Broadly speaking, any codified combat fighting system can be classified as a Martial Art. However, in today's common usage it collectively refers to the various fighting systems developed in East Asia. My personal experience is with Taekwondo, a Korean based martial art which loosely translates as "the way of the foot and fist" or "the way of kicking and punching". Taekwondo is considered a "female-friendly" martial art because it focuses more on lower body kicking than upper body punching, and women tend to be proportionately stronger in the lower half of their body.
While I was training and teaching Taekwondo (I hold a second degree Black Belt), I learned there are a great many benefits to be gained through practising martial arts. Following is a brief summary of these benefits so that you can decide whether martial arts training is something you would like to pursue for yourself and/or other family members. Though I will write specifically about Taekwondo, I do believe that most of these benefits would apply equally to any of the other popular martial arts.
Benefits of Taekwondo Training
- Functional benefits - Practicing Taekwondo is great functional training that teaches your various body parts to work together with much improved strength and efficiency. Simple tasks such as walking the dog, climbing the stairs or getting in and out of the car become much easier because your body movements are more natural and flowing.
- Improved coordination - Punching and kicking specific targets (i.e. training pads or sparring partners) greatly improves your hand-to-eye, foot-to-eye and overall body coordination so that you become much more precise in your movements both inside and outside the dojang (training room).
- Improved flexibility - Taekwondo classes typically start and end with warm up and cool down stretching to promote muscle flexibility and maximize range of motion for normal body movements. I'll never forget the day I turned to look over my shoulder before changing lanes, and suddenly realized the usual strain on my neck was gone!
- Improved focus and concentration - A key part of martial arts training is ongoing repetition done for the purpose of self improvement, so that each time you repeat a specific movement or pattern (also known as forms or katas, depending on the martial art) you strive to make it more precise than last time. This requires a person learn to really pay attention to what they're doing and not allow their mind to wander. That's one of the many reasons why martial arts training can be so beneficial for children - focus and concentration learned in the dojang translates to improved focus and concentration at school.
- Increased confidence -I personally developed an increased sense of pride and self confidence as I learned to skillfully execute specific movements and techniques which at first seemed too overwhelming to ever fully master.
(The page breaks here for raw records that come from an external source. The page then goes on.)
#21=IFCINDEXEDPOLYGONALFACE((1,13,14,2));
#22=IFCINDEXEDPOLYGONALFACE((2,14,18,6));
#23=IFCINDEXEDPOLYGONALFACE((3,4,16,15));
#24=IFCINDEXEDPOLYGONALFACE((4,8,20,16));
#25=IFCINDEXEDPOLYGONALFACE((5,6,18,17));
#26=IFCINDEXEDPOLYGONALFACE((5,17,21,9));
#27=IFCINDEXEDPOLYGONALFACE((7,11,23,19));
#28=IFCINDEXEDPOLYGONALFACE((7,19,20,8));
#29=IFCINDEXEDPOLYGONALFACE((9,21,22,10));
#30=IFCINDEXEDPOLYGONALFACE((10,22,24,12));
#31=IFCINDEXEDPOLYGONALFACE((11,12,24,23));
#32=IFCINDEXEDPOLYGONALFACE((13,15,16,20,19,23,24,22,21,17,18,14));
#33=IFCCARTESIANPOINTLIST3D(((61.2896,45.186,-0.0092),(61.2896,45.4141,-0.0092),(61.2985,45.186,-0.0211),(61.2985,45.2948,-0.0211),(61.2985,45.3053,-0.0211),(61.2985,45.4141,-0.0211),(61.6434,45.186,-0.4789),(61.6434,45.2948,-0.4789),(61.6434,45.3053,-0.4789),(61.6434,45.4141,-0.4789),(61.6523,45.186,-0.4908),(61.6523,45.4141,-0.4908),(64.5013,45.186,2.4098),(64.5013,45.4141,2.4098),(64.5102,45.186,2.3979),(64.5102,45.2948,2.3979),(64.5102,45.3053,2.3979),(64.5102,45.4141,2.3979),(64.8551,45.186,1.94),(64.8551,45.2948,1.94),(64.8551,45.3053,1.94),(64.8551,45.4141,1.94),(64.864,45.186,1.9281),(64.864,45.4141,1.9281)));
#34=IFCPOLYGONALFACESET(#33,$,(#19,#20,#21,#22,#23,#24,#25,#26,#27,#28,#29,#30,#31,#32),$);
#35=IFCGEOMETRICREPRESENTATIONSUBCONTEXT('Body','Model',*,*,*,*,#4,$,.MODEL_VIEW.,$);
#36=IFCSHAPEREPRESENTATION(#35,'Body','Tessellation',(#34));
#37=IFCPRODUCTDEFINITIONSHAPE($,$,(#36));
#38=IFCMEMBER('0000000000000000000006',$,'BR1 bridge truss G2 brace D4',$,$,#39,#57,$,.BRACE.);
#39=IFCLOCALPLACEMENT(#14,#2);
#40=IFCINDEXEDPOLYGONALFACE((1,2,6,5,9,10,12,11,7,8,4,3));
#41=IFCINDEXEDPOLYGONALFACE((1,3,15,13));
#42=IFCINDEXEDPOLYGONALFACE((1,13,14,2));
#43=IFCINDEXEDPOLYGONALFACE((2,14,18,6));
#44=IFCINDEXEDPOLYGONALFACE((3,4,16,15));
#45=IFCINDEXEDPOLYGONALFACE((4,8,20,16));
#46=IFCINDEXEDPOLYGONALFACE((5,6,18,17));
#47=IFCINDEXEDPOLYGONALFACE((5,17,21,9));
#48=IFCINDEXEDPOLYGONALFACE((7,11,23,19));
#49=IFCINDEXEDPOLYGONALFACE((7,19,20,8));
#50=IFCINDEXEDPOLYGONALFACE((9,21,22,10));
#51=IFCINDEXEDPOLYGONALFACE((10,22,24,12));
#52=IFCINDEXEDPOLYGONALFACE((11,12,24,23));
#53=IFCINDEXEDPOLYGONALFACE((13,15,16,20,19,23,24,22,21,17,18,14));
And I saw others do the same - it was very rewarding as an instructor to witness frustration transform to elation as my students (both children and adults) realized they were doing it right, and indeed doing it well.
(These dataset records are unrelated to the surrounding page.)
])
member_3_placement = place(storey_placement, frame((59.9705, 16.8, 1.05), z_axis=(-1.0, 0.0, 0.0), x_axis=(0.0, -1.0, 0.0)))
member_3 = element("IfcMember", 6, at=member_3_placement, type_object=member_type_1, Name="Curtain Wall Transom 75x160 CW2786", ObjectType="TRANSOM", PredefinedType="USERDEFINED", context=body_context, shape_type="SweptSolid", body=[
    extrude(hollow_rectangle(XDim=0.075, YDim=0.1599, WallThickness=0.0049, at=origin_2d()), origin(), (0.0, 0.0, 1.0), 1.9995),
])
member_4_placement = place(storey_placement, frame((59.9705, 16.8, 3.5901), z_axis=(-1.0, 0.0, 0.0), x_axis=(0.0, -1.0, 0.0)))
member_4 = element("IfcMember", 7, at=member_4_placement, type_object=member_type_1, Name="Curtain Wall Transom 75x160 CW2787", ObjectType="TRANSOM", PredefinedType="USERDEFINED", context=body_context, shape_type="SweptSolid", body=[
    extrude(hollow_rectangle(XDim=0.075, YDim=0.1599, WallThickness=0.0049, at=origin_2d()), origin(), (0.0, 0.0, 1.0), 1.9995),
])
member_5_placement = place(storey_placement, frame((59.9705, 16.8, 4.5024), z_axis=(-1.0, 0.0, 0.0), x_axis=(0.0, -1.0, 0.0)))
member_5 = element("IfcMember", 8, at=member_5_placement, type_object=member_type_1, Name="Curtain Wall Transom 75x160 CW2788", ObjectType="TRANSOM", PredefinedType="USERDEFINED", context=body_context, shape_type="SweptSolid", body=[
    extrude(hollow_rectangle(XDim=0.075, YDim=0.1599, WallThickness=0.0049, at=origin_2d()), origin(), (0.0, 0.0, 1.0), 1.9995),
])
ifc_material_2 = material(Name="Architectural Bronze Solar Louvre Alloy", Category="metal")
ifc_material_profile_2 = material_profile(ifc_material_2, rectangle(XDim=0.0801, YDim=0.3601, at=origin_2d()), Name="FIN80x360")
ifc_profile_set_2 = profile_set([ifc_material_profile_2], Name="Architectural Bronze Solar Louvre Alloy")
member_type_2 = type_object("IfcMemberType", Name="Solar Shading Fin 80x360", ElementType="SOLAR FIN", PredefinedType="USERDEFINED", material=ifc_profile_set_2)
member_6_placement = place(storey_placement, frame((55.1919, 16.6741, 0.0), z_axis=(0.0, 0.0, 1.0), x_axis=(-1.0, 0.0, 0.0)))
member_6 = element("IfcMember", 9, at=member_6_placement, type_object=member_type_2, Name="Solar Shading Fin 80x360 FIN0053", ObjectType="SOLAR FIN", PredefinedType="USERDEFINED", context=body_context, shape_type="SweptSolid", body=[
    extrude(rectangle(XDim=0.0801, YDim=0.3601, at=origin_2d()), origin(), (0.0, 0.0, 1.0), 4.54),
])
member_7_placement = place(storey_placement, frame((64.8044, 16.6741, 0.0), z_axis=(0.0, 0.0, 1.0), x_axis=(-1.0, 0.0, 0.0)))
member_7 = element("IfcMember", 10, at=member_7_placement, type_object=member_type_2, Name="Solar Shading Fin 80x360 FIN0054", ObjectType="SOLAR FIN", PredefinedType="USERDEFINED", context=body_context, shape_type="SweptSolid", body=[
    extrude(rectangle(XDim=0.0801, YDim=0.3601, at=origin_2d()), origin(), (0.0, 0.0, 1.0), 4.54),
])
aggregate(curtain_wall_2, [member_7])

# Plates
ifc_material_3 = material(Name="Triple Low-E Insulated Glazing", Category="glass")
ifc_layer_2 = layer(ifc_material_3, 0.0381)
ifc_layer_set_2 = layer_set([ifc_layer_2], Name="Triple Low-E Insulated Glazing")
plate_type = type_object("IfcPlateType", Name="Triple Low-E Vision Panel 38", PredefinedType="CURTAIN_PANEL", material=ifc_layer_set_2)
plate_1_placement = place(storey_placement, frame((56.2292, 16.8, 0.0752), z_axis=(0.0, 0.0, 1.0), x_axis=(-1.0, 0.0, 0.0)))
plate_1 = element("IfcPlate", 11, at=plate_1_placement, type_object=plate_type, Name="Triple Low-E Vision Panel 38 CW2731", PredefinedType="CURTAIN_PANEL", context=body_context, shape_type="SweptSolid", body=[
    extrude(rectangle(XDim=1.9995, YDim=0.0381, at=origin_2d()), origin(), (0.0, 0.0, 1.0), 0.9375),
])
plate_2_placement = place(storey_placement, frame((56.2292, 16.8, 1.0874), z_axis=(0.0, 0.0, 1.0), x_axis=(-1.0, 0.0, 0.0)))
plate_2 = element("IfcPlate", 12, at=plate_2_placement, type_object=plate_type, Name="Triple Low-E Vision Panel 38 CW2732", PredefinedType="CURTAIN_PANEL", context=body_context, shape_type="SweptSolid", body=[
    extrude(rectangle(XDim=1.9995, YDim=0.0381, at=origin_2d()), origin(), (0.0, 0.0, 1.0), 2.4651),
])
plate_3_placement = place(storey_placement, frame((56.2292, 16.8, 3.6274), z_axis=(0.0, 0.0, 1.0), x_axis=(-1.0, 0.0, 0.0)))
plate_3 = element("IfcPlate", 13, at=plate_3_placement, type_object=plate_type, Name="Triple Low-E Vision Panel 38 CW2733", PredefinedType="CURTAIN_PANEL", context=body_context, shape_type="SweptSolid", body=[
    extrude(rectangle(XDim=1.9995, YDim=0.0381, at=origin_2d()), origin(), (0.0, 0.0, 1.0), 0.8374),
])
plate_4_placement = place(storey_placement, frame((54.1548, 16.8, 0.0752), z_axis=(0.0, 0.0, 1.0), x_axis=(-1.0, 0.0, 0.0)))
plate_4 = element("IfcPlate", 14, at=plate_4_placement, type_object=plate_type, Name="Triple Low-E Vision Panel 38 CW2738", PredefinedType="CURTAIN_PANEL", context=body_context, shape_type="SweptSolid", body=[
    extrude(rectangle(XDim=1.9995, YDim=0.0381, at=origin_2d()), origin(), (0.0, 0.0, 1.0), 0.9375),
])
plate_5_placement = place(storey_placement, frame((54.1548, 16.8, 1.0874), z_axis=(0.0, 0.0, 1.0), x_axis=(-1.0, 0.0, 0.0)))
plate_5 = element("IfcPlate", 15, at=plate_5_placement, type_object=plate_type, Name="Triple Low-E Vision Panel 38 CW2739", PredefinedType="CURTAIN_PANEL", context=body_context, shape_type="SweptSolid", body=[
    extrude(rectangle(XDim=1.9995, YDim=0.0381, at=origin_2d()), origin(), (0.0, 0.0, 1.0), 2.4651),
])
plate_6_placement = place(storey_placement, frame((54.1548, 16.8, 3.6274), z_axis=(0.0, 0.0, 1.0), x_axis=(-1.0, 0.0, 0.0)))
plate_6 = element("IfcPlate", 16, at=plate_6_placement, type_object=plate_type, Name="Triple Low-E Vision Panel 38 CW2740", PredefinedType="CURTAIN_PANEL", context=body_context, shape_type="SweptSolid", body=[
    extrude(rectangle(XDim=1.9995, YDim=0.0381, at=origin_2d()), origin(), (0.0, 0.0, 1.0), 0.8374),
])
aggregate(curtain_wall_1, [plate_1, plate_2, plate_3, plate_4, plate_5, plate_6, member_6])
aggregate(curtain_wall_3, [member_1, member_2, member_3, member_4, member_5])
- Increased self respect, as well as respect for others - While most adults coming into the club were respectful of instructors and fellow students, many children and young adults initially entered the club with a chip on their shoulder and a rather disdainful attitude towards authority. However, they quickly learned this type of behaviour was not socially acceptable within the club and so it wasn't long before they developed a more respectful attitude. Not only that, they began to hold their own heads higher as they were afforded the same respect from everyone else in return.
- Improved public speaking skills - When in charge of a large class of Taekwondo students (or a smaller group within the main class) and expected to maintain discipline and control while keeping the class moving at a reasonable pace, feeling shy or self conscious very quickly takes a back seat and soft spoken individuals learn to speak loudly and with more authority. The skills I developed by leading Taekwondo classes have carried over into my professional life as I am now much more comfortable presenting to my peers in group meetings.
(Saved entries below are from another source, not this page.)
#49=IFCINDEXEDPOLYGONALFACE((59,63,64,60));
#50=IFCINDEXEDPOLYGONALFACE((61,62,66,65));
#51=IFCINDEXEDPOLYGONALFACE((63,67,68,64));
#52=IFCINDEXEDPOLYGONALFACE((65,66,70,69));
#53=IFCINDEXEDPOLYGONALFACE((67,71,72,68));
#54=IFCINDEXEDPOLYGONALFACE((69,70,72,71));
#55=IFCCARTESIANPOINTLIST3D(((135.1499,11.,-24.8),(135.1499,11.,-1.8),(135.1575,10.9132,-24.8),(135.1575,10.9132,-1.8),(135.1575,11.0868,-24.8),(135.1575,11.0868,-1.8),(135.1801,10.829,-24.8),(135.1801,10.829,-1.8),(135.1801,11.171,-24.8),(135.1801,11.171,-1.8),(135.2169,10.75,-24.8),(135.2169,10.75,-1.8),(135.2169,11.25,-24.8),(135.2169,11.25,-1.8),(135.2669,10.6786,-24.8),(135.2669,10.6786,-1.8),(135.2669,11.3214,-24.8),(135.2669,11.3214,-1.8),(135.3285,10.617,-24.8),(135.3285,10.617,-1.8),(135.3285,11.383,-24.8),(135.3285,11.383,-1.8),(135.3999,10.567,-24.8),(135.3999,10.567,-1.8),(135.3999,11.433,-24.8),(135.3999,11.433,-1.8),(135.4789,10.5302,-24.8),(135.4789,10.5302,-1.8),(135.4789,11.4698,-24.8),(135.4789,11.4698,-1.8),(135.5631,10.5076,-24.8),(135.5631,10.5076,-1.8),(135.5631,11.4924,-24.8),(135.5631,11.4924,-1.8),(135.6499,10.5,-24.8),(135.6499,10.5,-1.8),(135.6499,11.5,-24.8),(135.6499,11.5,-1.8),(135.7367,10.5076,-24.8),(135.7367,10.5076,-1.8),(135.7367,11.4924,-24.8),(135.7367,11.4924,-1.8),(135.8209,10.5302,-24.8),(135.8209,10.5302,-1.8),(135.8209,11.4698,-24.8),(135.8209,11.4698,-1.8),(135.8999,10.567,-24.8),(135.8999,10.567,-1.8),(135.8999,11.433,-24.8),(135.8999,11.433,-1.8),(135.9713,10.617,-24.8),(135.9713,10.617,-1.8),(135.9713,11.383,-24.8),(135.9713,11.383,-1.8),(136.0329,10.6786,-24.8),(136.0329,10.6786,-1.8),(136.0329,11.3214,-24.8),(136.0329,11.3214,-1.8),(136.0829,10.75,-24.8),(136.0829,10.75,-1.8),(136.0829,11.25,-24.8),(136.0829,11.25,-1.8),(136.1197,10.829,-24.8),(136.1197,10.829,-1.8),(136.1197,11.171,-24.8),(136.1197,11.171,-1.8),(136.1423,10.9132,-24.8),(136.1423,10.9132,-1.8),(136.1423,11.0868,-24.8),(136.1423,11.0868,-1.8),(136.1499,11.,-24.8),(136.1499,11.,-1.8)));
- Self defense - If attacked, Taekwondo training can provide a woman (or man) with enough of an edge to make a difference should she choose to defend herself. By knowing how to throw a kick without losing her balance or a punch without breaking her thumb or wrist, at the very least she has a true choice whether to resist or submit to her attacker. (I'm not suggesting that any woman stand and fight while she still has the opportunity to run. There is no replacement for displacement - in other words, no matter how good you are, if someone twice your size and weight pins you down you're in big trouble - but a well placed solid kick or punch could slow down your attacker long enough for you to make a successful escape.)
- Community and camaraderie - The martial arts way is for more experienced practitioners to help the less experienced ones in an open and non-judgmental manner. It is recognized that while not all club members have the same physical abilities, they all share the same potential to become the best they can possibly be. This philosophy fosters a sense of community and camaraderie within the club, which adds a truly enjoyable social dimension to the training experience.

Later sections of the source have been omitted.